One of the questions I had going in was about audience data, who actually listens to LORA, and how many of them are there? The answer, delivered cheerfully, was essentially: we don’t know, and we’re not especially concerned. This statement really surprised me, at LORA, the production model works almost in reverse. There are no demographics to optimize for. There is no algorithm to appease. Volunteers many of them retirees who came from entirely unrelated careers, without journalism backgrounds develop a concept, present it to an editorial conference, and if it aligns with the station’s broadly left-leaning, community-oriented ideology, they get a time slot. From there, they handle everything for A to Z: research, interviews, editing, music selection, and hosting.

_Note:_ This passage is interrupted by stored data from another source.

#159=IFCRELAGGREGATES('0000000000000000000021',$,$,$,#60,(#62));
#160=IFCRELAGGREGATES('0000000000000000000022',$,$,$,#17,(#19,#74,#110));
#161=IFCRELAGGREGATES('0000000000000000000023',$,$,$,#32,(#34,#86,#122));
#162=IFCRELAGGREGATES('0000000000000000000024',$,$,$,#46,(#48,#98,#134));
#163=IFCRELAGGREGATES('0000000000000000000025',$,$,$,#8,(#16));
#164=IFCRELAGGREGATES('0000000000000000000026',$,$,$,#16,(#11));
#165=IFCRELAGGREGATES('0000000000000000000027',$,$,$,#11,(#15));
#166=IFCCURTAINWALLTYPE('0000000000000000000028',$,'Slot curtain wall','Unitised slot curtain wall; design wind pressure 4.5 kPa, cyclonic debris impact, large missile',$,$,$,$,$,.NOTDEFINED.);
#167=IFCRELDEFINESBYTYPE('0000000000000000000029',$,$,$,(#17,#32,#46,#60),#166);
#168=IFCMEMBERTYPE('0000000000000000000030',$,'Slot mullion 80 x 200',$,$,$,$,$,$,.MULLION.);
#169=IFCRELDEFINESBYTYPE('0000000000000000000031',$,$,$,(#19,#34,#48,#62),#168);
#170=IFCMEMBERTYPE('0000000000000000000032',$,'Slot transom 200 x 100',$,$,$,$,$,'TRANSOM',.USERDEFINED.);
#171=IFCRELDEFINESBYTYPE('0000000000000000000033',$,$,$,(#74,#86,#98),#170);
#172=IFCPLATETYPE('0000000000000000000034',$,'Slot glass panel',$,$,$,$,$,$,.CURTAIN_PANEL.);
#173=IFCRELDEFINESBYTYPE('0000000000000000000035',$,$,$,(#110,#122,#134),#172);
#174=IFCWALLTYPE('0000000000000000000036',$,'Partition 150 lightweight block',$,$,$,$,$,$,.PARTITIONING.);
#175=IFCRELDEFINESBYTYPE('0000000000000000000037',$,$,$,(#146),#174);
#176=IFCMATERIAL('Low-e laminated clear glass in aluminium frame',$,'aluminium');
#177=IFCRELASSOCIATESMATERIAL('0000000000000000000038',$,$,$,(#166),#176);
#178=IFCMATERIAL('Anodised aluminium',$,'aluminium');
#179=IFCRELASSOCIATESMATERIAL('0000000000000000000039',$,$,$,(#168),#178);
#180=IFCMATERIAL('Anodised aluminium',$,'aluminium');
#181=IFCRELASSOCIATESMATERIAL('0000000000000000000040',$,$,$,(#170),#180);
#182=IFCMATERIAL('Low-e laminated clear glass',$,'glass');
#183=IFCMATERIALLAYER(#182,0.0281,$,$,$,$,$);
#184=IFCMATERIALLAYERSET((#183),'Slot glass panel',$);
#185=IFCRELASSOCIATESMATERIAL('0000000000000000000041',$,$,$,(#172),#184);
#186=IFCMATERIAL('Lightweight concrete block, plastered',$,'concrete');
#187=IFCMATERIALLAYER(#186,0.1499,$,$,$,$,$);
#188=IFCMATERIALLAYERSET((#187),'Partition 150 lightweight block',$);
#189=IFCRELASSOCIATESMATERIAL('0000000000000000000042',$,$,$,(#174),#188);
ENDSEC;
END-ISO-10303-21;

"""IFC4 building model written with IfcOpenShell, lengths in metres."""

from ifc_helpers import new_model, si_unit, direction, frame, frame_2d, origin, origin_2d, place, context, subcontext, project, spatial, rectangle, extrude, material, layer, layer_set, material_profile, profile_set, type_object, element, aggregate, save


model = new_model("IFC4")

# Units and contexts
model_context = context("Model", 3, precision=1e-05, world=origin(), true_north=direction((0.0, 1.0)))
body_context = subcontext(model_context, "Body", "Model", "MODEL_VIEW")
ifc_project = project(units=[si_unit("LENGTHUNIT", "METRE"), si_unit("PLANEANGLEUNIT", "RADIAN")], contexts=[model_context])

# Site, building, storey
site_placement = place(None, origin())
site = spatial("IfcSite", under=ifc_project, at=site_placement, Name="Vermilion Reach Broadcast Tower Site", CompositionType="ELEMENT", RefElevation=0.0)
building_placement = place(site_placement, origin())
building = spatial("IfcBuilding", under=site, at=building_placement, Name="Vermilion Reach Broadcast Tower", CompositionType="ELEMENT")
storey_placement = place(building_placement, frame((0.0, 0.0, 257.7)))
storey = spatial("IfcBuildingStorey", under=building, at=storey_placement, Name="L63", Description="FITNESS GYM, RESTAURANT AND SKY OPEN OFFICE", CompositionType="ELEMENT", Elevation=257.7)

Visiting LORA forced me to reconsider what I thought I understood about how media organizations work. The conventional model assumes a feedback loop: content is produced, audiences respond, metrics are gathered, content is adjusted. Editors calibrate their output to maximize reach and engagement. The audience shapes the product. At LORA, this loop barely exists. Producers are often also the intended audience. The station does not broadcast at a community so much as it broadcasts as one. Karin was candid about how precarious the finances are, how the membership base is shrinking (fewer than 500 members, compared to Radio Z’s 1,500), how project-based funding is unreliable and hard to secure. The two coordinators funded by Munich’s social services department in 2024 stayed for one year and left. New ones were hired in 2026, but only until the end of the year. Everything at LORA runs on a short horizon…And yet it has been broadcasting continuously for over thirty years. In a Bavarian media landscape that seems designed to make it impossible, that is not nothing.

That said, LORA’s model is not without its tensions. The very openness that makes it valuable also makes it fragile. Without stable funding, the station depends on the goodwill of volunteers who may burn out, retire, or simply move on. The rotating cast of coordinators, each hired for just a year, means institutional knowledge is constantly being rebuilt from scratch. And in Bavaria specifically, the political will to properly support community broadcasting simply does not exist. There is something uncomfortable about a state that declares a radio station “systemrelevant” in a crisis and then returns, once the crisis passes, to funding it at zero. It suggests that community media is valued the way emergency services are valued : essential when things go wrong, invisible when things go right. LORA’s existence is quietly acknowledged as necessary; its survival, however, is treated as its own problem to solve.

What the visit left me with is not a tidy lesson but a genuine unease. If a media organization this clearly useful, this deeply embedded in its community, and this stubbornly committed to public interest broadcasting can barely keep its lights on after thirty years and what does that say about the conditions we have created for independent media? And what are we prepared to lose if stations like LORA eventually cannot hold on?